The test suite uses an in-memory seeded SQLite DB and FastMCP's in-process client,
so it runs in under a second and does **not** require the production DB to be
built.

## Architecture

```
ATAM PDFs ─┐
Vikikaynak ─┼─► ETL scripts ─► SQLite (FTS5) ─► FastMCP stdio server ─► AI clients
Nutuk EN ──┘                  speeches.db
```

- ETL (`scripts/`) is fully decoupled from the server (`src/ataturk_mcp/`).
- The server opens the DB read-only and is safe to run in parallel from multiple
  clients.
- Turkish search quality: FTS5 with `unicode61 remove_diacritics 2` plus
  application-level I/İ normalisation in `db.normalise_query`.

## Publishing to PyPI

The project is wired to publish from GitHub Actions (see
[`.github/workflows/release.yml`](.github/workflows/release.yml)) when you push a
tag of the form `vX.Y.Z`. For manual publishing:

```bash
pip install build twine
python -m build                          # produces dist/*.whl and dist/*.tar.gz
twine check dist/*
twine upload dist/*                      # uploads to https://pypi.org/project/ataturk-mcp/
# or for a dry run on TestPyPI:
twine upload --repository testpypi dist/*
```

## Credits & author

- **Author:** [Buğra Ayan — bugraayan.com](https://bugraayan.com)
- **Email:** `hello@bugraayan.com`
- **Atatürk Araştırma Merkezi (ATAM)** — for digitising and editing the *Söylev
  ve Demeçleri* corpus, the gold-standard source for this project.
- **Vikikaynak / Türkçe Wikisource contributors** — for transcribing
  individual addresses and the TBMM opening speeches.
- **Internet Archive** — for hosting the public-domain English Nutuk.

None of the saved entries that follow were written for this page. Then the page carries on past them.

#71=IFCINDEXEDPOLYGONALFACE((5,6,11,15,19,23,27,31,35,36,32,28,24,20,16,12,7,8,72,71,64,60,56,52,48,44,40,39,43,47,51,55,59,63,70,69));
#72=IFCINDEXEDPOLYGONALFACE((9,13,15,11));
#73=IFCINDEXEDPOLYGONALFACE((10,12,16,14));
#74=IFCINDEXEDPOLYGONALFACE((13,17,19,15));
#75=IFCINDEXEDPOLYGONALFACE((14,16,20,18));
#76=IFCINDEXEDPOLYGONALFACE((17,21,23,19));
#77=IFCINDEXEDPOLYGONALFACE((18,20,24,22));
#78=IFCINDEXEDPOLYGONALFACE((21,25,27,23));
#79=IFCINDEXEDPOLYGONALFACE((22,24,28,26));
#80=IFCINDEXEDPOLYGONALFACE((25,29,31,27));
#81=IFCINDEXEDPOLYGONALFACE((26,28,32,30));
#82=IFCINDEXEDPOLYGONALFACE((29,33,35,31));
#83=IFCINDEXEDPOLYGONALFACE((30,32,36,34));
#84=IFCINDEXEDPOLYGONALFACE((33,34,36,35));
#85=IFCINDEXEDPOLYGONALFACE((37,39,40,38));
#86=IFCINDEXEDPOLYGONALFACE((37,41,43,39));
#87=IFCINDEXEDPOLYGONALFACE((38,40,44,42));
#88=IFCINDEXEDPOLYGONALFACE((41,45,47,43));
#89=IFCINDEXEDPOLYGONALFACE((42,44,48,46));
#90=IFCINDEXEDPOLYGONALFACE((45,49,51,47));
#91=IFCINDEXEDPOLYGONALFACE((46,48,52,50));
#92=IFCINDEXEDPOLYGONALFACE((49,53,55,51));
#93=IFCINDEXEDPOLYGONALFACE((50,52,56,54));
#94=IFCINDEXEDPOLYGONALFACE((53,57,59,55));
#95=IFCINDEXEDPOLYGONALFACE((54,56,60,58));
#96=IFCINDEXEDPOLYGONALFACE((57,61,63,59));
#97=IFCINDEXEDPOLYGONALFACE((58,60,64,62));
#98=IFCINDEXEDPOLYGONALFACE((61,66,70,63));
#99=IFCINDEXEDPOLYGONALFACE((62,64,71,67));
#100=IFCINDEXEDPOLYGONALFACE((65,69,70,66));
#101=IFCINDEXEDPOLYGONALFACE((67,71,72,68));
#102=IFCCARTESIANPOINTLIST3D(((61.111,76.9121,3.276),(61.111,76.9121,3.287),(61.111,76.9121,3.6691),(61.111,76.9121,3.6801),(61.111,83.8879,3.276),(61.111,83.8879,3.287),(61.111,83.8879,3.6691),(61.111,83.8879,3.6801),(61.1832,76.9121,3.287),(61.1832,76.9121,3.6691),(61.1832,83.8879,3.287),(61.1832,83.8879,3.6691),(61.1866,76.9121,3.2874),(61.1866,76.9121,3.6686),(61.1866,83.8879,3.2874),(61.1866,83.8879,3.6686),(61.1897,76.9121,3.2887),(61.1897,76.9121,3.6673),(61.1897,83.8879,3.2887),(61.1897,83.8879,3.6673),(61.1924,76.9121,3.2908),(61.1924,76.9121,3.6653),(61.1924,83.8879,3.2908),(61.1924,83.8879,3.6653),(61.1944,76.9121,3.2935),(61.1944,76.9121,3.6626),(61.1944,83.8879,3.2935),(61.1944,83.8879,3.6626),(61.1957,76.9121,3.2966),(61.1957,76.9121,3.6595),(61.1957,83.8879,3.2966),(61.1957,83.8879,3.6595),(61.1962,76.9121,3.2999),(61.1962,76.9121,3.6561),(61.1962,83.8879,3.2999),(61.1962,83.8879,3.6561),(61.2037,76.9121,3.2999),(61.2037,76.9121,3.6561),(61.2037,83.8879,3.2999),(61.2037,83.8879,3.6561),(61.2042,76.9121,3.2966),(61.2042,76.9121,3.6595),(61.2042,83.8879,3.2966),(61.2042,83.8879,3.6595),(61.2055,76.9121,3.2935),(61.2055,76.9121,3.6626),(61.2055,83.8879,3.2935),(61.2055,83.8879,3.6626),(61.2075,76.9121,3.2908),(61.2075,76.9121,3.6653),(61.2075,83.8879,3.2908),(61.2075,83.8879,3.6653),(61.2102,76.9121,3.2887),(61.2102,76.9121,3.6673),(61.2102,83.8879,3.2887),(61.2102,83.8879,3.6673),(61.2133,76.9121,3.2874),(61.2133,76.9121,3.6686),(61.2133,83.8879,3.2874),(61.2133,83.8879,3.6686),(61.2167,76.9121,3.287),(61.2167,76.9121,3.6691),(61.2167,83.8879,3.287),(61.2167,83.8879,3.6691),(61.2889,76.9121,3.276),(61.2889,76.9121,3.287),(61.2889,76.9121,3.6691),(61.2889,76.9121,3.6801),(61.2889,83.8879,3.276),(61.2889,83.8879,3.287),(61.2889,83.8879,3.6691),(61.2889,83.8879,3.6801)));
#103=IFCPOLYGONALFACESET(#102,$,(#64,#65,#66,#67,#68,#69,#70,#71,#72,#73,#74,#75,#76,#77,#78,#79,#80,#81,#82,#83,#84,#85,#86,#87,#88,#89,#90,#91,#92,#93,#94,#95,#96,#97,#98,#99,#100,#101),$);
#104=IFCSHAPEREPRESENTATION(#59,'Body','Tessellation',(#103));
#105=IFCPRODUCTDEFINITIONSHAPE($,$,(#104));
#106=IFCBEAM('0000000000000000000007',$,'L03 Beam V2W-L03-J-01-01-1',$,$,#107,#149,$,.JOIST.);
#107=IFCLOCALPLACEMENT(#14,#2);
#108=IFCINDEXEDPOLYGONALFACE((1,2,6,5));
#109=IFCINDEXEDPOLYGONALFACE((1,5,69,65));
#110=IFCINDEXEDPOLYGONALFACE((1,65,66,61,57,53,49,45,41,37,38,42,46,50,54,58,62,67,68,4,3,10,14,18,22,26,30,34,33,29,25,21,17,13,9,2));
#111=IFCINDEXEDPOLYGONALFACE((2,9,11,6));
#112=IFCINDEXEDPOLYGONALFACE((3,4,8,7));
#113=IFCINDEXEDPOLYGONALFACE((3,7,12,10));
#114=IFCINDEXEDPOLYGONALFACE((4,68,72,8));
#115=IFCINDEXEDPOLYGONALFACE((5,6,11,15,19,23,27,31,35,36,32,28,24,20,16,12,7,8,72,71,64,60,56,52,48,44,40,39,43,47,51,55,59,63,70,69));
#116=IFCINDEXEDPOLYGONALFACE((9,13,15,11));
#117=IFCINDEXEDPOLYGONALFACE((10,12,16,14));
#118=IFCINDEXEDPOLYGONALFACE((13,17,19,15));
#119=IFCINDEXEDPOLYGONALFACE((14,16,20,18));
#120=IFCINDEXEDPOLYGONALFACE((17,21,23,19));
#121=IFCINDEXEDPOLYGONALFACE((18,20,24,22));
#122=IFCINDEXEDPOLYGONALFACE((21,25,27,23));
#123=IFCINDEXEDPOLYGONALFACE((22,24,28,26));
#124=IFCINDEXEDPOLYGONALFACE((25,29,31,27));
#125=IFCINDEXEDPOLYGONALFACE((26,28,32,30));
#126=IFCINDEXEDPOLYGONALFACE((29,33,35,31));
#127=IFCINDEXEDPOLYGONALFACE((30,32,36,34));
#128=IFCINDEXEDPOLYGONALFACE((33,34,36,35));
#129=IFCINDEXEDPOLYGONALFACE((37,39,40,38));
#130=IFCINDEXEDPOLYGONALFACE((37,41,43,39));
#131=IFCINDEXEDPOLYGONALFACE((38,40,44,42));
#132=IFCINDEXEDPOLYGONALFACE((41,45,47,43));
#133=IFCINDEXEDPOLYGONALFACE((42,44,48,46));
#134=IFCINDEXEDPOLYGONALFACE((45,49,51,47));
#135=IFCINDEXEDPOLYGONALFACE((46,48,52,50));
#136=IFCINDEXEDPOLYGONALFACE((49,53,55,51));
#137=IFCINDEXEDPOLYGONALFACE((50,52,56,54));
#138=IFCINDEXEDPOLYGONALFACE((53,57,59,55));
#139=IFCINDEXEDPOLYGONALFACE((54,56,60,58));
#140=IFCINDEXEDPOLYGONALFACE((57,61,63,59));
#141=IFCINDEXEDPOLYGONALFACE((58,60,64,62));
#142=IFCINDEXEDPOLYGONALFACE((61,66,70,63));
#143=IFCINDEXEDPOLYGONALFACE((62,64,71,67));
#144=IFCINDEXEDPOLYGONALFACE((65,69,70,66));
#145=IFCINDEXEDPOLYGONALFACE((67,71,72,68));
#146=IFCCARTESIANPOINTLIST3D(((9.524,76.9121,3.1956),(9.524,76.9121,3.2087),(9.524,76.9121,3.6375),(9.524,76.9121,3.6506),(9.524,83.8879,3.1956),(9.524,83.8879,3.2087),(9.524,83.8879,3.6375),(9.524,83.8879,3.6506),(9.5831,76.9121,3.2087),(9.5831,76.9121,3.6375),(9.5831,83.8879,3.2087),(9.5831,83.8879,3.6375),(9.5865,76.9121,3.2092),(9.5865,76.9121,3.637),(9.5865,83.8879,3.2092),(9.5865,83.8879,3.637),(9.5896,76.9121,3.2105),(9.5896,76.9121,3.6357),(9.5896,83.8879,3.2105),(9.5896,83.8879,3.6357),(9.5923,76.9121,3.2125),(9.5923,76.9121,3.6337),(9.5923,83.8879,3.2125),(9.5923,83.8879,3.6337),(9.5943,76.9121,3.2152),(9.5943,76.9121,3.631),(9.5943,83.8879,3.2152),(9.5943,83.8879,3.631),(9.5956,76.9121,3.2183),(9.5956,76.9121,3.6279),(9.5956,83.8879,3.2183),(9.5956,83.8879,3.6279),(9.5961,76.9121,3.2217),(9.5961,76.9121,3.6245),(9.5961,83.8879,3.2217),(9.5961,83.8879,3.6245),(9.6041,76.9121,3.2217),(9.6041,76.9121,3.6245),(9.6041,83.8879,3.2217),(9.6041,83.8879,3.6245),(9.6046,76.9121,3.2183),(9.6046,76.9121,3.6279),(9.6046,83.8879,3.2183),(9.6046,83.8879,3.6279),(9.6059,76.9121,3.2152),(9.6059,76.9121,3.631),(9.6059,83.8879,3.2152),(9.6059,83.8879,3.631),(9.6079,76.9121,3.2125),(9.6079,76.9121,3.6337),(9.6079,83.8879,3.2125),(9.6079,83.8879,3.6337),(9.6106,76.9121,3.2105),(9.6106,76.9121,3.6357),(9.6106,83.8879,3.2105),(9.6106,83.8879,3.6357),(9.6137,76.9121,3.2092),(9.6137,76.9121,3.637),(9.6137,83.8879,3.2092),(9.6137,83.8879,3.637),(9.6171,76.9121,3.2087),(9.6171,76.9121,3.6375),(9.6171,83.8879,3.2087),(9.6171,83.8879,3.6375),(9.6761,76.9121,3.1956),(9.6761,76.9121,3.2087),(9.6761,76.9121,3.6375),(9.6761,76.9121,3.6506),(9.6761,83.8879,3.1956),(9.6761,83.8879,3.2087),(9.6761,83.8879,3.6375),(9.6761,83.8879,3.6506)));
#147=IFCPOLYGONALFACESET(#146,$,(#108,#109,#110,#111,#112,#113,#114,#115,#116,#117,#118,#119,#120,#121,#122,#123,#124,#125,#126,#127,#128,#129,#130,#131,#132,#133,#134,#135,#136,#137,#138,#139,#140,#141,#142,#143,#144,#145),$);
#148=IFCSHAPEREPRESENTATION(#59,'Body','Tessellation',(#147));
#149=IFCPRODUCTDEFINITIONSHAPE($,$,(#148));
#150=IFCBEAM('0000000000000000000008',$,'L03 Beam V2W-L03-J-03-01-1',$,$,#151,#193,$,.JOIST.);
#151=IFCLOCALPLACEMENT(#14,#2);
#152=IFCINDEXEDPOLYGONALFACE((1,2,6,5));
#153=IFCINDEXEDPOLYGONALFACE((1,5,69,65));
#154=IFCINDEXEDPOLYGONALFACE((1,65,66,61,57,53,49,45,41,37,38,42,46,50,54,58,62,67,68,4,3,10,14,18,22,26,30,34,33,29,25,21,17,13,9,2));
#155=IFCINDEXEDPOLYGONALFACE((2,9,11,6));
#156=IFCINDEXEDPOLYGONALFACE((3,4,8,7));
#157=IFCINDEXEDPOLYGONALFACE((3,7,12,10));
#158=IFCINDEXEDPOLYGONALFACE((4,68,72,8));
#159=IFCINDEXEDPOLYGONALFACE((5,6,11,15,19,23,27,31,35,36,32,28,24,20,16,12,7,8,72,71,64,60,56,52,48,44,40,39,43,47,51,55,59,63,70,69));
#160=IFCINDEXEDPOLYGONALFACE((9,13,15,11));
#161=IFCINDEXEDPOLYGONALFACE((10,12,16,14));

If you build research or journalism on top of this server, please cite both
Atatürk's words (via the in-tool `cite` command) **and** the original sources
(ATAM volume + page, or the Wikisource URL).

## License

MIT for the code (© Buğra Ayan / [bugraayan.com](https://bugraayan.com)). The
speech texts themselves are in the public domain (Atatürk died in 1938). ATAM,
TBMM and Wikisource are credited as the digital sources used to build the
corpus; please respect each source's terms when redistributing.